# Panel exposed to Chlorine



## Achilles (Sep 11, 2014)

Our project has us installing a panel in a pool equipment room. Yes the best plan is to not put the panel there - but we are.

Given the situation what busing is best suited to hold up to the environment?
- Aluminum
- Copper
- Tin Plated AL/CU

Thank you for your input


----------



## telsa (May 22, 2015)

Gold bus bars would be best...

Next best should be tinned copper.

Chlorine just goes to town on aluminum.  

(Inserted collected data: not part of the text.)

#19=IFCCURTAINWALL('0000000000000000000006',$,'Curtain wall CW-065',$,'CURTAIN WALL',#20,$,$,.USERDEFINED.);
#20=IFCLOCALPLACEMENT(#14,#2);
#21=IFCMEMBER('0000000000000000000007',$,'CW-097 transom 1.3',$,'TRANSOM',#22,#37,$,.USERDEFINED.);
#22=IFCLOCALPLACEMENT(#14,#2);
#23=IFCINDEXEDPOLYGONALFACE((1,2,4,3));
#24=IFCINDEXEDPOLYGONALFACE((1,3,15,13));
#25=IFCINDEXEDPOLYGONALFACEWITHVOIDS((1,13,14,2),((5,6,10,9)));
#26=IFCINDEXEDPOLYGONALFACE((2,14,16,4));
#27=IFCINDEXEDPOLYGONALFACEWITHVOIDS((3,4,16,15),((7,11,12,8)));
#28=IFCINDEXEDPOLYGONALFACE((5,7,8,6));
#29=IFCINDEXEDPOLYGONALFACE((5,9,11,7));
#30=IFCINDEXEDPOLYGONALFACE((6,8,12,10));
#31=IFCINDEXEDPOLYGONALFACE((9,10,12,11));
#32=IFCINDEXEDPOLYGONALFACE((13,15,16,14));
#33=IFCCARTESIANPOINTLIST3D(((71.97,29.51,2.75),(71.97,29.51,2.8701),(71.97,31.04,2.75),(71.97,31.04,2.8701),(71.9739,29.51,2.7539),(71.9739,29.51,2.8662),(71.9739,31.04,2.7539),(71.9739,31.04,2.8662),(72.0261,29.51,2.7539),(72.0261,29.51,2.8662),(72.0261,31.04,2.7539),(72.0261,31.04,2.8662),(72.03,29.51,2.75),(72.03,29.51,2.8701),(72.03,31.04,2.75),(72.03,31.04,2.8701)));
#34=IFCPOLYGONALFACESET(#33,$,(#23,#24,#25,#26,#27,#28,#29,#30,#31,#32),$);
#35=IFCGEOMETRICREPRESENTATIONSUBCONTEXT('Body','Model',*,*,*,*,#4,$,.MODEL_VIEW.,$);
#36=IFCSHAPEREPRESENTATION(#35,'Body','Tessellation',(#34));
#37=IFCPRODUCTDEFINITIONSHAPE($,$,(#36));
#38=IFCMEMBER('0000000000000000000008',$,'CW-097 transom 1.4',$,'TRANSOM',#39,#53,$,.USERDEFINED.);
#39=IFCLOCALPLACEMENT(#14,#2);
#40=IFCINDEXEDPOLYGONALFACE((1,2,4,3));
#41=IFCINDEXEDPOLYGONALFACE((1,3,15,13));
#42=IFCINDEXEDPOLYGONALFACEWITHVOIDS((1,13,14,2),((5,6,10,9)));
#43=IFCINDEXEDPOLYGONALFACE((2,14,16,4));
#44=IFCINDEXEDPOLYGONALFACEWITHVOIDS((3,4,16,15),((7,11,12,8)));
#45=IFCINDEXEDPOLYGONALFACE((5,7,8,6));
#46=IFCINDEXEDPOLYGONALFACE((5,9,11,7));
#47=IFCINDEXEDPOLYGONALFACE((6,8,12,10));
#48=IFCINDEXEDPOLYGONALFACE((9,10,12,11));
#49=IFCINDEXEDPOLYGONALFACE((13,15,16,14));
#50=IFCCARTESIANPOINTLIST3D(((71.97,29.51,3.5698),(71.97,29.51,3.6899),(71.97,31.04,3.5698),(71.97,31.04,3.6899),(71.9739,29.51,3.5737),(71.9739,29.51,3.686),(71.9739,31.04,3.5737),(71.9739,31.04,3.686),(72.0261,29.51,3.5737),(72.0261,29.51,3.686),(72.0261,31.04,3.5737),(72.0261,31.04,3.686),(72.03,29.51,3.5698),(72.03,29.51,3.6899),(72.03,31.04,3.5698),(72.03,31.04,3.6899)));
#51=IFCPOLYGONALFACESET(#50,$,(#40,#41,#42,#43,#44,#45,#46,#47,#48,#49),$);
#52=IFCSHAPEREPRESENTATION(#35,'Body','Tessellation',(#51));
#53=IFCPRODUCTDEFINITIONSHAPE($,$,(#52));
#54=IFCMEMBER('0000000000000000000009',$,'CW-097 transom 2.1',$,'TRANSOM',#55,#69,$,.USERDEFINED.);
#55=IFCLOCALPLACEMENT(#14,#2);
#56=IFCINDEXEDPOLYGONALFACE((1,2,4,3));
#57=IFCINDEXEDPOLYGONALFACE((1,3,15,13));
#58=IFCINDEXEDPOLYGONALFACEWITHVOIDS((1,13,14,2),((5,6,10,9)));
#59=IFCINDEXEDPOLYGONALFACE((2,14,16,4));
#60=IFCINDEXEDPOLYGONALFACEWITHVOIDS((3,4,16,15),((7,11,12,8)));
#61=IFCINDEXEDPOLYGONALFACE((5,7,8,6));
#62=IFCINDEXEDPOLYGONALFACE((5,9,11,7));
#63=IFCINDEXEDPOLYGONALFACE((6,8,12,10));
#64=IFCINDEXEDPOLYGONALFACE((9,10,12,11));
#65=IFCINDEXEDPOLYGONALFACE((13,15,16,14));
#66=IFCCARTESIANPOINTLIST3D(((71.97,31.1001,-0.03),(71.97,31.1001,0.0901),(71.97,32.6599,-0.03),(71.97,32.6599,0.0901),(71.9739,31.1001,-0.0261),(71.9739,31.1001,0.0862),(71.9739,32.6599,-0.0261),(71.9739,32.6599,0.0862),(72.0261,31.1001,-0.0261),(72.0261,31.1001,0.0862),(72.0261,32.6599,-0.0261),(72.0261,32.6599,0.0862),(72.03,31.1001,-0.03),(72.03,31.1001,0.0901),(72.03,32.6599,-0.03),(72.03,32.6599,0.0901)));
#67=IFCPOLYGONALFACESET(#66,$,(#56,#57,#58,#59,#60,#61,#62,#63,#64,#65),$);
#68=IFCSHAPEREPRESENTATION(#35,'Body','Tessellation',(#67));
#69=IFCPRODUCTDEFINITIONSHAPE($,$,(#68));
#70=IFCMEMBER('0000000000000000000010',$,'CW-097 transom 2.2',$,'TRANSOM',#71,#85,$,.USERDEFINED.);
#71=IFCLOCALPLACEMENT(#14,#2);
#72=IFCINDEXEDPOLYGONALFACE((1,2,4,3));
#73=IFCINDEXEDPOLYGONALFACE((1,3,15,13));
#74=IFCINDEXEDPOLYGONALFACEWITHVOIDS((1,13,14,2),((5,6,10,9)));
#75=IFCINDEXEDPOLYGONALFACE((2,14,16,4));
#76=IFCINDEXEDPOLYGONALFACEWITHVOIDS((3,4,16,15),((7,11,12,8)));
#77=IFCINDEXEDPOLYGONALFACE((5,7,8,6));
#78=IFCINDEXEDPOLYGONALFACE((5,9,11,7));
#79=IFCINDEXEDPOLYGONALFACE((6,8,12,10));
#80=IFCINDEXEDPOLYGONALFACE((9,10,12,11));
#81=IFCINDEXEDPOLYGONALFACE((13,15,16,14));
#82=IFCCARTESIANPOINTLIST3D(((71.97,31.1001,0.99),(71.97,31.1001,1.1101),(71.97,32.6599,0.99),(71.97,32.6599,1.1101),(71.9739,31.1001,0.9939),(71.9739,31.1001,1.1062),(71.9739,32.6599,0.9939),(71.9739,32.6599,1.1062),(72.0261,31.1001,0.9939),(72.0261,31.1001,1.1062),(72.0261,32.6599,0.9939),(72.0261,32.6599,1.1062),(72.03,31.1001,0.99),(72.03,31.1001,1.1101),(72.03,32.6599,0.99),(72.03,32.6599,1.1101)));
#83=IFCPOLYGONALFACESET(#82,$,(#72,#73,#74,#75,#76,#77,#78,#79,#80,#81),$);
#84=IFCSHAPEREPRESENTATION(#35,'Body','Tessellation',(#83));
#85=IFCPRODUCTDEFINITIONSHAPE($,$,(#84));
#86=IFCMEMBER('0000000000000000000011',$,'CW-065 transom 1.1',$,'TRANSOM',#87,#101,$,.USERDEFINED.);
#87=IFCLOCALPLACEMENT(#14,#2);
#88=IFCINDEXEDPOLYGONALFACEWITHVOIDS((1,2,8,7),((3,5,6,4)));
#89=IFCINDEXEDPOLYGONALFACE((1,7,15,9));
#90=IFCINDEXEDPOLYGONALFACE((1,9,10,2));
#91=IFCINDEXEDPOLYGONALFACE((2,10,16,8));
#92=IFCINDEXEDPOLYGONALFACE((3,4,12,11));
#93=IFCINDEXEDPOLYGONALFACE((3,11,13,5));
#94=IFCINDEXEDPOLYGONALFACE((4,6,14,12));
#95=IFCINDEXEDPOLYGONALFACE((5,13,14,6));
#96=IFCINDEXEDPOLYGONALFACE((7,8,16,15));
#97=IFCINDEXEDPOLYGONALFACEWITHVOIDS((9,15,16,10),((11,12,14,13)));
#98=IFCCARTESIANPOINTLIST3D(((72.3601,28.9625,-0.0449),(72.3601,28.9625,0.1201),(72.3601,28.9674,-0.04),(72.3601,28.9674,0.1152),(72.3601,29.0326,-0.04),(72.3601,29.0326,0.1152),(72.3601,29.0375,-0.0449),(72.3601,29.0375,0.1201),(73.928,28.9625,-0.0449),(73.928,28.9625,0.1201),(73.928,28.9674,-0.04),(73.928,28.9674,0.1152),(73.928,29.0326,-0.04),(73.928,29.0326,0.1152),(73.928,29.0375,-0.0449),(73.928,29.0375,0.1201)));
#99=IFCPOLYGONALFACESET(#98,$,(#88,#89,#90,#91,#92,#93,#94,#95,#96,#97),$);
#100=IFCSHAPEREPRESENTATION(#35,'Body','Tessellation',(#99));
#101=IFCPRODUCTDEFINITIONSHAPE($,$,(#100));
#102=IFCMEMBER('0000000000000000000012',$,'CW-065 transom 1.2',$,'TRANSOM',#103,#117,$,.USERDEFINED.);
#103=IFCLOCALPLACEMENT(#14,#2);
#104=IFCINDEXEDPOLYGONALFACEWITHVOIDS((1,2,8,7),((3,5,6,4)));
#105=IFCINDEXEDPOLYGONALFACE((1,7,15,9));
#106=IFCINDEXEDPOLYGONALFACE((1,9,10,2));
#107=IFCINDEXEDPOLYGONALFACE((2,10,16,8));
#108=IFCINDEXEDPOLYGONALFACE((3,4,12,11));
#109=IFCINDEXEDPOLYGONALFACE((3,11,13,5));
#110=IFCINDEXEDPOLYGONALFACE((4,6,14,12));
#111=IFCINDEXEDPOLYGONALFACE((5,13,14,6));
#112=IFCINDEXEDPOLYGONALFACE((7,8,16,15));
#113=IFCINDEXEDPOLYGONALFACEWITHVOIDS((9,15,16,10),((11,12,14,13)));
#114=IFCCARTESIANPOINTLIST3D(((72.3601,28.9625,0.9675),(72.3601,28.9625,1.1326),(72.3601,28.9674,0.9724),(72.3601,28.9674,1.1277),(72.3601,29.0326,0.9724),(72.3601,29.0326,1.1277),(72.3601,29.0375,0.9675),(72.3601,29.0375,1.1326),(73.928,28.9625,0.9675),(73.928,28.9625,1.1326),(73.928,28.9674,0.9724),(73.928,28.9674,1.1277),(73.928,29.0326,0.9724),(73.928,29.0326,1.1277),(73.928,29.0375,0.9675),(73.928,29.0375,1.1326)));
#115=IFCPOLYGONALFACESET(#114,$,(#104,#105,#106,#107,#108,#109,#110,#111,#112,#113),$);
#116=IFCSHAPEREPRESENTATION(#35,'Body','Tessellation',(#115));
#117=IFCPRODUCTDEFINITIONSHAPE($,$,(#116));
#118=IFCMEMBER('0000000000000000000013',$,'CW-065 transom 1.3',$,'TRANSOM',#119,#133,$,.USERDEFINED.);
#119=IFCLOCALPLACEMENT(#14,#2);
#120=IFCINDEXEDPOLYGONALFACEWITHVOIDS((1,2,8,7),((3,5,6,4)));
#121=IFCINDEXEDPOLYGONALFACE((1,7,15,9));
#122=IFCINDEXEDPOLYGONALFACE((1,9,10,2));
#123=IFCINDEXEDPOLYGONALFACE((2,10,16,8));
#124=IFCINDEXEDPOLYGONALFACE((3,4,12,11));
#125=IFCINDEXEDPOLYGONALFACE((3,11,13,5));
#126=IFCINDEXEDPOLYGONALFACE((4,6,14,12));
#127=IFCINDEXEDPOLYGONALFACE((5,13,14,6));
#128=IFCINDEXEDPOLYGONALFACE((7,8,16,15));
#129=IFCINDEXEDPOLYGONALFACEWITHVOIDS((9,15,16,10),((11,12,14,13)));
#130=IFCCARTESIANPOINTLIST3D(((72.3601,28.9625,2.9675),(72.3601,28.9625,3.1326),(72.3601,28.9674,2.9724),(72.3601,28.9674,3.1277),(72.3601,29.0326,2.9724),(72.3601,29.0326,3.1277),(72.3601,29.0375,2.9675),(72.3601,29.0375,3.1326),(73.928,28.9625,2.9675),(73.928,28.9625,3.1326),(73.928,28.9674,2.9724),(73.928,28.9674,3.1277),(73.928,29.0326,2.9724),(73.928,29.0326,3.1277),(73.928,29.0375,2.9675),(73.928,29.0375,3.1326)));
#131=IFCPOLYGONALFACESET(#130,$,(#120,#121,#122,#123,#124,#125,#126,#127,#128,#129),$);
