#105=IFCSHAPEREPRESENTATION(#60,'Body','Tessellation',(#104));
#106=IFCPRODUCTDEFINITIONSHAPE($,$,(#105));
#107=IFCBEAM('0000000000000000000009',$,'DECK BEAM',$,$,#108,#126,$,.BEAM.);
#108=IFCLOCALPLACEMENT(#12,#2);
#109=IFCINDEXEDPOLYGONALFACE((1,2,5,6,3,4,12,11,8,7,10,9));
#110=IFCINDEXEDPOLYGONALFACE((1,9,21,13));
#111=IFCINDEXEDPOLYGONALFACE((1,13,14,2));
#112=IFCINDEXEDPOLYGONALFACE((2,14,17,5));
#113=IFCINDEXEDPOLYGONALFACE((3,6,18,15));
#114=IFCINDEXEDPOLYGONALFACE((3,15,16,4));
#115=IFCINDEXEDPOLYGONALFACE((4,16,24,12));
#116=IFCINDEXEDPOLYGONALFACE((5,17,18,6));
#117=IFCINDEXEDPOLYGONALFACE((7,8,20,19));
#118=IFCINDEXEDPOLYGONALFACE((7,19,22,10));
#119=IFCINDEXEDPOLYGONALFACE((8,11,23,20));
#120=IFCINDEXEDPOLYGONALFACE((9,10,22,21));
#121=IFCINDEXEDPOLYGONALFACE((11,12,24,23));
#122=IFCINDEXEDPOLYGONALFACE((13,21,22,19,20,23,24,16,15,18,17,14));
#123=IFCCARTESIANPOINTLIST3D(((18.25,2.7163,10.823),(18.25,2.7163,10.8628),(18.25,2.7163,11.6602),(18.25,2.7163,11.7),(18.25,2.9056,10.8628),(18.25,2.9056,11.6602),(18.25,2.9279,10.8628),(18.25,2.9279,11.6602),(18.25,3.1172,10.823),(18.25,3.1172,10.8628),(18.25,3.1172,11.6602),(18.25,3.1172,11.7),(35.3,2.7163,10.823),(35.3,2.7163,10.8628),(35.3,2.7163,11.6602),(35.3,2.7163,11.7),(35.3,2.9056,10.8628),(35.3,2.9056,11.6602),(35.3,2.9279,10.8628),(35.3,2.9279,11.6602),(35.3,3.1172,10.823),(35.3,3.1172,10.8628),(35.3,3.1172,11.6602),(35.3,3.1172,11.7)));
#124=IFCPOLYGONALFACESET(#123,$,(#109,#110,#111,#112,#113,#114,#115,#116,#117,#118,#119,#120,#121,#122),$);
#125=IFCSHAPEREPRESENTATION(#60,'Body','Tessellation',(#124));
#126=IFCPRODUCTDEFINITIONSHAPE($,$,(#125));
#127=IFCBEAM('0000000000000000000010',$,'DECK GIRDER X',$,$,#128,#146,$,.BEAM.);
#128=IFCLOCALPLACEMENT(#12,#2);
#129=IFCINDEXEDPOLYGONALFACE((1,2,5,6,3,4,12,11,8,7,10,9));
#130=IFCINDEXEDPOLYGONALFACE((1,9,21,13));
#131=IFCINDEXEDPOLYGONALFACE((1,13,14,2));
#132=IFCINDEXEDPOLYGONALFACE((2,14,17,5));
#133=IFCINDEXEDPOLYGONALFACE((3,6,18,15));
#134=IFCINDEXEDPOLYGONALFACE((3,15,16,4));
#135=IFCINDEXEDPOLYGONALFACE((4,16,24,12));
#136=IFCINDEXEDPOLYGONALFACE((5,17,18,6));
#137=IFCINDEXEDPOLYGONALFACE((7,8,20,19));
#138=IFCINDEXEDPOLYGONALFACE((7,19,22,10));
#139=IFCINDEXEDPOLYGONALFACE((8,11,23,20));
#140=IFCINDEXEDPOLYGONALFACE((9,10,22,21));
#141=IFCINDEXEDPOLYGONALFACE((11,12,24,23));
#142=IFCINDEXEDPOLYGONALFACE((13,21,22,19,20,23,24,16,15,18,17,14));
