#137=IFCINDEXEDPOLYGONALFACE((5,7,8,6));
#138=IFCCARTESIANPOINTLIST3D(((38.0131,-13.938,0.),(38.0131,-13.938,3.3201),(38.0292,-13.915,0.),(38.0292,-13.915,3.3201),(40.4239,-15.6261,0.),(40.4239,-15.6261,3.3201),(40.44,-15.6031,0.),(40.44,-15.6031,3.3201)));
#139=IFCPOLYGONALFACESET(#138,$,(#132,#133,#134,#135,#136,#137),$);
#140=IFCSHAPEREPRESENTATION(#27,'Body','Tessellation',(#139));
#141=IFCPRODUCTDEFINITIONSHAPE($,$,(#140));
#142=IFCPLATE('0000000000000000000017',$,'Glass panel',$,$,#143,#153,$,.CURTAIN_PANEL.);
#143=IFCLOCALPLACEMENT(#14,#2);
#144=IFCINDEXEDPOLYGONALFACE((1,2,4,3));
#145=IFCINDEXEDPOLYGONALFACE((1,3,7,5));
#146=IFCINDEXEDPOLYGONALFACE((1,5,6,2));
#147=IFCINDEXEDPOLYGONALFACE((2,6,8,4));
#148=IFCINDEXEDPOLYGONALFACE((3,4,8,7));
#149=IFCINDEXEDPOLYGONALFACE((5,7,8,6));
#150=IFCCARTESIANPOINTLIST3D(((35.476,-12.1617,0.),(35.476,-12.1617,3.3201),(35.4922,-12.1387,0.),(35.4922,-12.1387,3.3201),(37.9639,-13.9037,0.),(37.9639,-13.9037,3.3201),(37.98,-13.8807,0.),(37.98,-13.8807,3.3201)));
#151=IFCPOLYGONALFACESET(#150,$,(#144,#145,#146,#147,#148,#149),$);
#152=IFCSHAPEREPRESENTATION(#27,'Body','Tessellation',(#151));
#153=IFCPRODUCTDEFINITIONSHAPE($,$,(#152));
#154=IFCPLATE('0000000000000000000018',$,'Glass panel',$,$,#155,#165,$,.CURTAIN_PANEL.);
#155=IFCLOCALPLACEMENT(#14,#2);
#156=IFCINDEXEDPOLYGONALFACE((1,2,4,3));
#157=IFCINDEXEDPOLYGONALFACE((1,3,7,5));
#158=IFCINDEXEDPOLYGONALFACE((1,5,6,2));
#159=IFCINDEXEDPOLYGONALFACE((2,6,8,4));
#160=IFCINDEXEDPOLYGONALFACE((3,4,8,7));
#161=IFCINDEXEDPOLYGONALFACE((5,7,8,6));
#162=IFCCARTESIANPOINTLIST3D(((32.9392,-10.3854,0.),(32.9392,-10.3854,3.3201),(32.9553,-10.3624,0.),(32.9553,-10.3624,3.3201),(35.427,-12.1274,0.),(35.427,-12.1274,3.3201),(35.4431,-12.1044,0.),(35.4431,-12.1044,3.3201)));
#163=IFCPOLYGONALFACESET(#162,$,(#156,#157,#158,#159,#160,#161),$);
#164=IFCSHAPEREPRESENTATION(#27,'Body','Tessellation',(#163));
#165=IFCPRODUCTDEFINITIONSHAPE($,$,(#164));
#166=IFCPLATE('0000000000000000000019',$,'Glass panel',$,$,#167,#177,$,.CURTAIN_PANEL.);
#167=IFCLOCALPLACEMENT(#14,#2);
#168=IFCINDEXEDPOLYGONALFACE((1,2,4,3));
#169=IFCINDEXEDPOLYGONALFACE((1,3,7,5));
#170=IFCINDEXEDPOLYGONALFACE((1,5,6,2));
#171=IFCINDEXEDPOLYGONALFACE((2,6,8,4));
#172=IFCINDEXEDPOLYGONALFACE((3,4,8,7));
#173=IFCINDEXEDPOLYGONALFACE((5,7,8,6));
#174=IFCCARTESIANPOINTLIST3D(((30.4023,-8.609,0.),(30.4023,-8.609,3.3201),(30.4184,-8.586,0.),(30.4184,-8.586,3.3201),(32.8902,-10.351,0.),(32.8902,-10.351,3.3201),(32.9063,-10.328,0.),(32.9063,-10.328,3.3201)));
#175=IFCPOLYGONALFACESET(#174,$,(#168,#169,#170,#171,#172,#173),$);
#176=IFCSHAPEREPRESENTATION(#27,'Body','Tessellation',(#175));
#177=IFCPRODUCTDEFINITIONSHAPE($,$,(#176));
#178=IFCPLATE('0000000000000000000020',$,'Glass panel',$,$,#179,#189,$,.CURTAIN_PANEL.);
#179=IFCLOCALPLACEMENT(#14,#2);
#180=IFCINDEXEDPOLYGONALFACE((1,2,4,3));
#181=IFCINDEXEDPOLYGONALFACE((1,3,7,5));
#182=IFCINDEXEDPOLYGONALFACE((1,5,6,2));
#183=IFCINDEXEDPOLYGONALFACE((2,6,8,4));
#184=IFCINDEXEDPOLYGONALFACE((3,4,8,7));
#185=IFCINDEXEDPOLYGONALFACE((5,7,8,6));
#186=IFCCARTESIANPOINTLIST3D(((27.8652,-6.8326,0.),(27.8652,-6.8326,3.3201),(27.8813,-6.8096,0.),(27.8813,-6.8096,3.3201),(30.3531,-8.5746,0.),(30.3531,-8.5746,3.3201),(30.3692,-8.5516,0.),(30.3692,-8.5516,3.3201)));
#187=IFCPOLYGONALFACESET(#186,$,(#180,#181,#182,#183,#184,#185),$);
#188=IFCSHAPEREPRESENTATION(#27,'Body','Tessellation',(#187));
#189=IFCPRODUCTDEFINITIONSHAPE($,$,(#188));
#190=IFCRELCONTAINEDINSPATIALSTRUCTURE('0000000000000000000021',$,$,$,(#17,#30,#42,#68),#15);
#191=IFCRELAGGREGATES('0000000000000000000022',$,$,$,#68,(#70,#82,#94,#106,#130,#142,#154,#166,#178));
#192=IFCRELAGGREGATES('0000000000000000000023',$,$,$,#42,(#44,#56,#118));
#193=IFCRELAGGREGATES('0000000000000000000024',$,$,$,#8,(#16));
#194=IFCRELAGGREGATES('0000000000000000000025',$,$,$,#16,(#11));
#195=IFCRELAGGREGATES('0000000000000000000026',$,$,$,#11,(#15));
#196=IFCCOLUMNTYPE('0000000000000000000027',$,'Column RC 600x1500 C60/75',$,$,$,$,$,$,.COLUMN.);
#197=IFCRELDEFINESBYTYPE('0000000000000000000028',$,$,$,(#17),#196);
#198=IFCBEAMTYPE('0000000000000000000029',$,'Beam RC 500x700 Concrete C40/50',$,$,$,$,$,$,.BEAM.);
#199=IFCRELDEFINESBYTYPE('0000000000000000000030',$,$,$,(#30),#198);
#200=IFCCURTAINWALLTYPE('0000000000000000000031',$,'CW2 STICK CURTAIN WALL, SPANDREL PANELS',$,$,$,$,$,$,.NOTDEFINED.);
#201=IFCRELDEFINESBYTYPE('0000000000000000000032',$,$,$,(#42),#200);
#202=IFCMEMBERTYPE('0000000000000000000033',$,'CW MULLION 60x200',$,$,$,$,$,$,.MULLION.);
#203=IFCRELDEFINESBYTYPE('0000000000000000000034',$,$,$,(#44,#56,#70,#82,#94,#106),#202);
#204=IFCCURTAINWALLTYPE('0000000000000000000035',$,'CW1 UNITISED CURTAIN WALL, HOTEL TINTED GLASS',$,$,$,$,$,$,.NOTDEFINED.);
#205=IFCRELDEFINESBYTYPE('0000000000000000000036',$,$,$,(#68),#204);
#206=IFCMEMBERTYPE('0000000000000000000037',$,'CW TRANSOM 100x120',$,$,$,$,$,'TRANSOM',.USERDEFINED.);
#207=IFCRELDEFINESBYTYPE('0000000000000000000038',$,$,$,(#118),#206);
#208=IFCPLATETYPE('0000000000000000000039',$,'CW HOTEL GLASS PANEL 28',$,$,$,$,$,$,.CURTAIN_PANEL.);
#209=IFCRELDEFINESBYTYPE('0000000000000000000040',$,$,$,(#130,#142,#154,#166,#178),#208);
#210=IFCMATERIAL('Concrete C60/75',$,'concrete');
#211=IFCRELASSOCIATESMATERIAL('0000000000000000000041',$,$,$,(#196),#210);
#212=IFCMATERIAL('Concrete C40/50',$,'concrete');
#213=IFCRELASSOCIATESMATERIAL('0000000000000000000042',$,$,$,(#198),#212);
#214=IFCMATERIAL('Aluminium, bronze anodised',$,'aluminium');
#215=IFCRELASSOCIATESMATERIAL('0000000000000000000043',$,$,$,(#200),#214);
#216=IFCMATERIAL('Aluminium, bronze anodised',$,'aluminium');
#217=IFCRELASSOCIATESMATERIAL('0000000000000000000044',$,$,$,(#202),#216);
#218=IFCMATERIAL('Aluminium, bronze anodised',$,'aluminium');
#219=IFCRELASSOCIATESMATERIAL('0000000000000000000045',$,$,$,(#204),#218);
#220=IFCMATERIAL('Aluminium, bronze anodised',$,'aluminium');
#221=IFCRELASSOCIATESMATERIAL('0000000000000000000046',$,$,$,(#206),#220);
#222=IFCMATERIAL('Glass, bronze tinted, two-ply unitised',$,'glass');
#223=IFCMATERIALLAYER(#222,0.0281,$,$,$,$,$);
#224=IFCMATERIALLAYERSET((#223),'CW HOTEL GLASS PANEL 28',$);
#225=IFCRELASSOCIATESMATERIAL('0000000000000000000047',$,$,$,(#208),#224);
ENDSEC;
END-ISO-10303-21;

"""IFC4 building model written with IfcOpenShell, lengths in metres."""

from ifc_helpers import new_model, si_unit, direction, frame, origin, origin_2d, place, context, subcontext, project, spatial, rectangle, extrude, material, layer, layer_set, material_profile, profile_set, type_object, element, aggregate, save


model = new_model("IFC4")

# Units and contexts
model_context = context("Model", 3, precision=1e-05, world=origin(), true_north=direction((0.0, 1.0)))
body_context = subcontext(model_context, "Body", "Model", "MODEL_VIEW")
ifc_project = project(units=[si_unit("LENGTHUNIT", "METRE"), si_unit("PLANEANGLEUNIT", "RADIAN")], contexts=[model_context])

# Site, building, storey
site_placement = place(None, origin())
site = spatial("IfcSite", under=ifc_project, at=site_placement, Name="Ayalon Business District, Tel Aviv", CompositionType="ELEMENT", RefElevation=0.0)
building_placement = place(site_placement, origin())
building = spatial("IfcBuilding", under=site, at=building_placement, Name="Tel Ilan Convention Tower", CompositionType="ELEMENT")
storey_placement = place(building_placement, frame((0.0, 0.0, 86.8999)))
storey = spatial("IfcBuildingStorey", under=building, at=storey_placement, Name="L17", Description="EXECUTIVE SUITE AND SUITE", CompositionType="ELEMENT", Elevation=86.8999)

Just how bad are the vapors?


----------



## don_resqcapt19 (Jul 18, 2010)

Copper would be better. The chlorine becomes hydrochloric acid when it combines with water or water vapor.

Base on doing some repairs on equipment that was damaged by a chlorine release, if you can keep the panel and electrical equipment warm enough, there will not be enough water vapor to make acid.


----------



## Achilles (Sep 11, 2014)

New construction - Major Hotel

Pool equipment will be new, the air will be exhausted and dehumidified which should help cut down on the corrosion effect.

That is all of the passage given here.